18 de noviembre de 2007

Y Dios descansó un poco, antes del 7º día

Este artículo es el 7º de una serie editada en este blog. Los seis anteriores son, por orden de aparición: "Dios y la ciencia", "La creación", "¿Qué hay fuera del universo?", "Un universo de diseño", "Si no hay Diseñador, ¿cuál es la explicación?", "Un vano intento de encadenar a Dios".

Tomás Alfaro Drake

Hasta aquí, parece que la ciencia nos da indicios de que Dios tuvo que pensar mucho para hacer unas leyes tan equilibradas que pudiesen desembocar en la aparición de vida, inteligencia y consciencia. Pero a partir de este momento, y hasta nuevas ocasiones que veremos, parece que pudo dejar durante un rato que sus leyes hicieran el trabajo durante poco más de 10.000 millones de años. Unas buenas vacaciones.

Dejó a sus leyes el encargo de regir el universo menos de una millonésima de segundo después de haberlo creado. Era como una bola llena de una sopa de partículas elementales y radiación a muchos millones de grados de temperatura y con tan sólo unos centímetros de diámetro. Eso sí, por el impulso del Big Bang, la bola se expandía a una inmensa velocidad y la sopa se enfriaba al mismo ritmo. Al enfriarse la sopa, las partículas elementales se agruparon formando hidrógeno y algunas pequeñas trazas de otros elementos. Al formarse los átomos de hidrógeno, de repente, el universo se hizo transparente. La radiación, antes atrapada por las partículas sueltas, empezó a poder viajar de un lado a otro del mismo. Pero esa sopa tenía grumos. Y unos grupos muy bien diseñados. Efectivamente, la ciencia nos dice que si la sopa hubiese sido perfectamente homogénea, no hubiese dejado nunca de ser una insípida sopa. Pero, afortunadamente, los grumos, por la ley de la gravedad, fueron atrayendo hacia sí la materia circundante. Se formaron así, alrededor de ellos, masas algodonosas de hidrógeno que dejaban vacíos entre ellas. Las masas algodonosas, mientras tanto, se iban condensando cada vez más.

Y un día, ocurrió. La presión empujaba unos contra otros a los átomos de hidrógeno atrapados en el centro de las masas algodonosas compactadas, en contra de la fuerza electrostática que los repelía.

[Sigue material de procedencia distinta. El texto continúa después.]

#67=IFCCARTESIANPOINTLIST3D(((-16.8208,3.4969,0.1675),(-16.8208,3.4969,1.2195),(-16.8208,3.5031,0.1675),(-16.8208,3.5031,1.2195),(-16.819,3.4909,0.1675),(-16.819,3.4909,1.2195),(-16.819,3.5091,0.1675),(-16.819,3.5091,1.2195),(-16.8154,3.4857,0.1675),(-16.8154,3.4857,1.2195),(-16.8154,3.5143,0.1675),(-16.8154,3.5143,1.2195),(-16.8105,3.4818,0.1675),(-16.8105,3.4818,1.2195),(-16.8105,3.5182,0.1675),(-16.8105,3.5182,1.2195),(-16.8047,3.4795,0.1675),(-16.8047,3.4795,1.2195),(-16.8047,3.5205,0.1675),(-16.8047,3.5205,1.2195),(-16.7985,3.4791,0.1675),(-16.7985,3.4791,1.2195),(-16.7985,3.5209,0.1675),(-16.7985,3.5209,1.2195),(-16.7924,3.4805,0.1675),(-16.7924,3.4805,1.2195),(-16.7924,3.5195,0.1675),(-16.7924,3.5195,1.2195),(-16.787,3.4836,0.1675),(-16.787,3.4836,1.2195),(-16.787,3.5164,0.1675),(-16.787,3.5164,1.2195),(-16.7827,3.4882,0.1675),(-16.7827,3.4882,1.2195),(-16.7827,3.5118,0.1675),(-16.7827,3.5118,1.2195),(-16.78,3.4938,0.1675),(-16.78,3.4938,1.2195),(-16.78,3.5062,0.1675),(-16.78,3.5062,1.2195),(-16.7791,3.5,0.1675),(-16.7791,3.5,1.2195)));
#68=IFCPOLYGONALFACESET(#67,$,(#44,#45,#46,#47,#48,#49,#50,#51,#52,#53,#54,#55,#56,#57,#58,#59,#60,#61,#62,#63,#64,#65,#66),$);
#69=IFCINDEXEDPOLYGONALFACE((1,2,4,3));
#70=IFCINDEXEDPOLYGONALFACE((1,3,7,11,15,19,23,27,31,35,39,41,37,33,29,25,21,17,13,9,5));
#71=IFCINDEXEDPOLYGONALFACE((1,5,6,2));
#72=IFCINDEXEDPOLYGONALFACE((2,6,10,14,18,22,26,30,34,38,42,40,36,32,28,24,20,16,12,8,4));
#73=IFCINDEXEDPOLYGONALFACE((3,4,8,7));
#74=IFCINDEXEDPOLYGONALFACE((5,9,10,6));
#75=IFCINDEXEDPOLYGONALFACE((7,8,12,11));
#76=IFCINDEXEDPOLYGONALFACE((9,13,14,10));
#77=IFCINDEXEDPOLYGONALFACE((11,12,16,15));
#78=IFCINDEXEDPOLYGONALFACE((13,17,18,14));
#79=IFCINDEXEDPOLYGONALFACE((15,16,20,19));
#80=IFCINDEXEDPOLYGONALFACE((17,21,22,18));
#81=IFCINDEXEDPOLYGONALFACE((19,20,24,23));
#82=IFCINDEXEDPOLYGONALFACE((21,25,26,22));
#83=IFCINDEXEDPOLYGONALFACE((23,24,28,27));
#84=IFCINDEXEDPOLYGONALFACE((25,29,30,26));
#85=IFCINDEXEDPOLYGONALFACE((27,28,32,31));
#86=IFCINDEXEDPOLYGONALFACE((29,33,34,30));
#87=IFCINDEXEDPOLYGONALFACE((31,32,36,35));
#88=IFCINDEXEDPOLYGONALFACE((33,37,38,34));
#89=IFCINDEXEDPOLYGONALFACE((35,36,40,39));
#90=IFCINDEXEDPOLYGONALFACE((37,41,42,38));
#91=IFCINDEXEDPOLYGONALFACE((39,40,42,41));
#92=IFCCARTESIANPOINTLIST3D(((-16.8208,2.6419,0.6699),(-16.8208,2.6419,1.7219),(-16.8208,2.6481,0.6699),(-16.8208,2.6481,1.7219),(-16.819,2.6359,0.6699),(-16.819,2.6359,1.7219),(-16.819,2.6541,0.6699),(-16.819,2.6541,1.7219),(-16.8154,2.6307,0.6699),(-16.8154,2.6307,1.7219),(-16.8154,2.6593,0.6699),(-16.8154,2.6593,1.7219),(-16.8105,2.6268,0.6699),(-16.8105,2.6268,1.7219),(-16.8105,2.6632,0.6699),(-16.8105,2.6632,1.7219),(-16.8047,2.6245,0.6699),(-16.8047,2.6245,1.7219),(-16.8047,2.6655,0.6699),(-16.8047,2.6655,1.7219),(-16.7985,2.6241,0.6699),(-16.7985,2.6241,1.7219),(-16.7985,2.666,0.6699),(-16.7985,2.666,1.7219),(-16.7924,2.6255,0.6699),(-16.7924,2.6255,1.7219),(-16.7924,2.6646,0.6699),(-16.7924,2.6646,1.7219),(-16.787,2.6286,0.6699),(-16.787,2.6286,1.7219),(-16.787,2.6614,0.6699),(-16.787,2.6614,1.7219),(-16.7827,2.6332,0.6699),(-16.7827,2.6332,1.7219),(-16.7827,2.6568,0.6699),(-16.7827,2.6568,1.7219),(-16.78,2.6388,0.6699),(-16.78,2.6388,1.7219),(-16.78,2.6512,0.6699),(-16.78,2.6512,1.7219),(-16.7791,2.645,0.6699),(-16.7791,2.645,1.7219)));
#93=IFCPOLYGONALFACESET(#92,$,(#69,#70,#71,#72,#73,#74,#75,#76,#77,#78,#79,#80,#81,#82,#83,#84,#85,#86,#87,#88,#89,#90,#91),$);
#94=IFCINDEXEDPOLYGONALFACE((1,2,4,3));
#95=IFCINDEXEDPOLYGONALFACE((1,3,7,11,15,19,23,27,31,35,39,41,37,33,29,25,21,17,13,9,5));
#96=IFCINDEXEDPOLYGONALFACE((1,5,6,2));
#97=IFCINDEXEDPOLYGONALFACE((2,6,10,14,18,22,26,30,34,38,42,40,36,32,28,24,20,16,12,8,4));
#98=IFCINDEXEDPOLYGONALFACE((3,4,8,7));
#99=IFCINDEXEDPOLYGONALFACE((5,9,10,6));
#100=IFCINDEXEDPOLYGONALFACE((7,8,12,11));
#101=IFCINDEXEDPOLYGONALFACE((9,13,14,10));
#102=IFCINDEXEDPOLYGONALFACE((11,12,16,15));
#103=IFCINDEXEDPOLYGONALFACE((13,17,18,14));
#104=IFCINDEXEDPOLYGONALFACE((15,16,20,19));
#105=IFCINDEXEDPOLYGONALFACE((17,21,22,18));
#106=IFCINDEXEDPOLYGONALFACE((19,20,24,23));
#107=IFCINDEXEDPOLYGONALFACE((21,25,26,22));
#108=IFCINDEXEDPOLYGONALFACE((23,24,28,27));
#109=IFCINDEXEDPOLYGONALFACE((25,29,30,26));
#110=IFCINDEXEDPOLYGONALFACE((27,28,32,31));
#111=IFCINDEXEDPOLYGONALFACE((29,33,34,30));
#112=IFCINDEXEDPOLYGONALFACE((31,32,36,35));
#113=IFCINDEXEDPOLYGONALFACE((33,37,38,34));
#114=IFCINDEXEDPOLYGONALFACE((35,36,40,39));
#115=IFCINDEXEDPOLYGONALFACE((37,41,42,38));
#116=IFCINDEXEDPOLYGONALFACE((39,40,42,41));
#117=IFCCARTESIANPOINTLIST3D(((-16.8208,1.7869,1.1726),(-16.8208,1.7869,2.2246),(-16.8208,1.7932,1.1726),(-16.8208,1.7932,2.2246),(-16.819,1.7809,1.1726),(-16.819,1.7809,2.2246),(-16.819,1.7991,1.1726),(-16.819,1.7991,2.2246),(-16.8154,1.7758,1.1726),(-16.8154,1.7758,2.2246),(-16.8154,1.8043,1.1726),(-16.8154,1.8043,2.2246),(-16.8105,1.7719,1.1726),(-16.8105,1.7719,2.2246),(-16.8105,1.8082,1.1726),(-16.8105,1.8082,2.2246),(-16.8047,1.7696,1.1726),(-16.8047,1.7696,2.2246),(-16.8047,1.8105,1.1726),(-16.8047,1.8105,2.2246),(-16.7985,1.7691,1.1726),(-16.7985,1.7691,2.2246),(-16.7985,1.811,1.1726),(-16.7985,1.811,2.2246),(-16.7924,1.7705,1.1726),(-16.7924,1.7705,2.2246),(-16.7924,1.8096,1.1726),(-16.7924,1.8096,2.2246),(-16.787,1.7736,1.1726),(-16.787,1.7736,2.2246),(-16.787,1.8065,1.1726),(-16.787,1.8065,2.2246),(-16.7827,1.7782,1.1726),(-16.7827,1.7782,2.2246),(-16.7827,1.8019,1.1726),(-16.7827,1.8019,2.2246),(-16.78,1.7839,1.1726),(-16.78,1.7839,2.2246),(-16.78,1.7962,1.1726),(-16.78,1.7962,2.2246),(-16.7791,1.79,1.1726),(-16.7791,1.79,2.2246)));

Un día, la presión fue mayor que la repulsión electromagnética y dos átomos de hidrógeno se fusionaron para formar uno de helio, iniciando una reacción en cadena. Todos sabemos que eso es lo que pasa en una bomba de hidrógeno. Acababa de nacer la primera estrella. Como si se hubiese dado la señal de salida, el universo se fue llenando de luminarias y, al ser transparente, la luz empezó a iluminarlo de un extremo a otro. Todavía hoy, casi 15.000 millones de años después, siguen formándose estrellas. Pero no todos los grumos eran iguales ni, por lo tanto, las estrellas que nacieron de ellas. Los había tan pequeños que apenas llegaban a ser capaces de encender la bomba de hidrógeno. Éstos formaban unas estrellas raquíticas y de poco brillo que se conocen con el poco atractivo nombre de enanas marrones. Otros, en cambio, eran tan grandes que formaban enormes estrellas de un color azul brillantísimo. Sin embargo, y afortunadamente, la inmensa mayoría no eran ni de las unas ni de las otras. Eran del montón, ni muy grandes ni muy pequeñas, como nuestro Sol. Si la mayoría de los grumos hubiesen sido muy grandes o muy pequeños, nosotros no estaríamos aquí, porque no hubiesen aparecido ni la vida ni la inteligencia en el universo. Pero tenían el tamaño justo, ¡qué casualidad!

En próximos artículos seguiremos la vida de las estrellas normales, como el Sol, y la de las gigantes, que tienen una vida escandalosa. No nos ocuparemos, en cambio, de las anodinas enanas marrones. Sí hablaremos un poco de la estructura del universo que se estaba formando. Pero, salvo por el tamaño de los grumos, que, con toda seguridad requirió ingeniería punta y diseño de alta precisión, Dios no tuvo que intervenir en nada durante esta fase de desarrollo del universo. Simplemente, durante unos 10.000 millones de años dejó que éste se desarrollase según sus leyes, diseñadas para sus fines.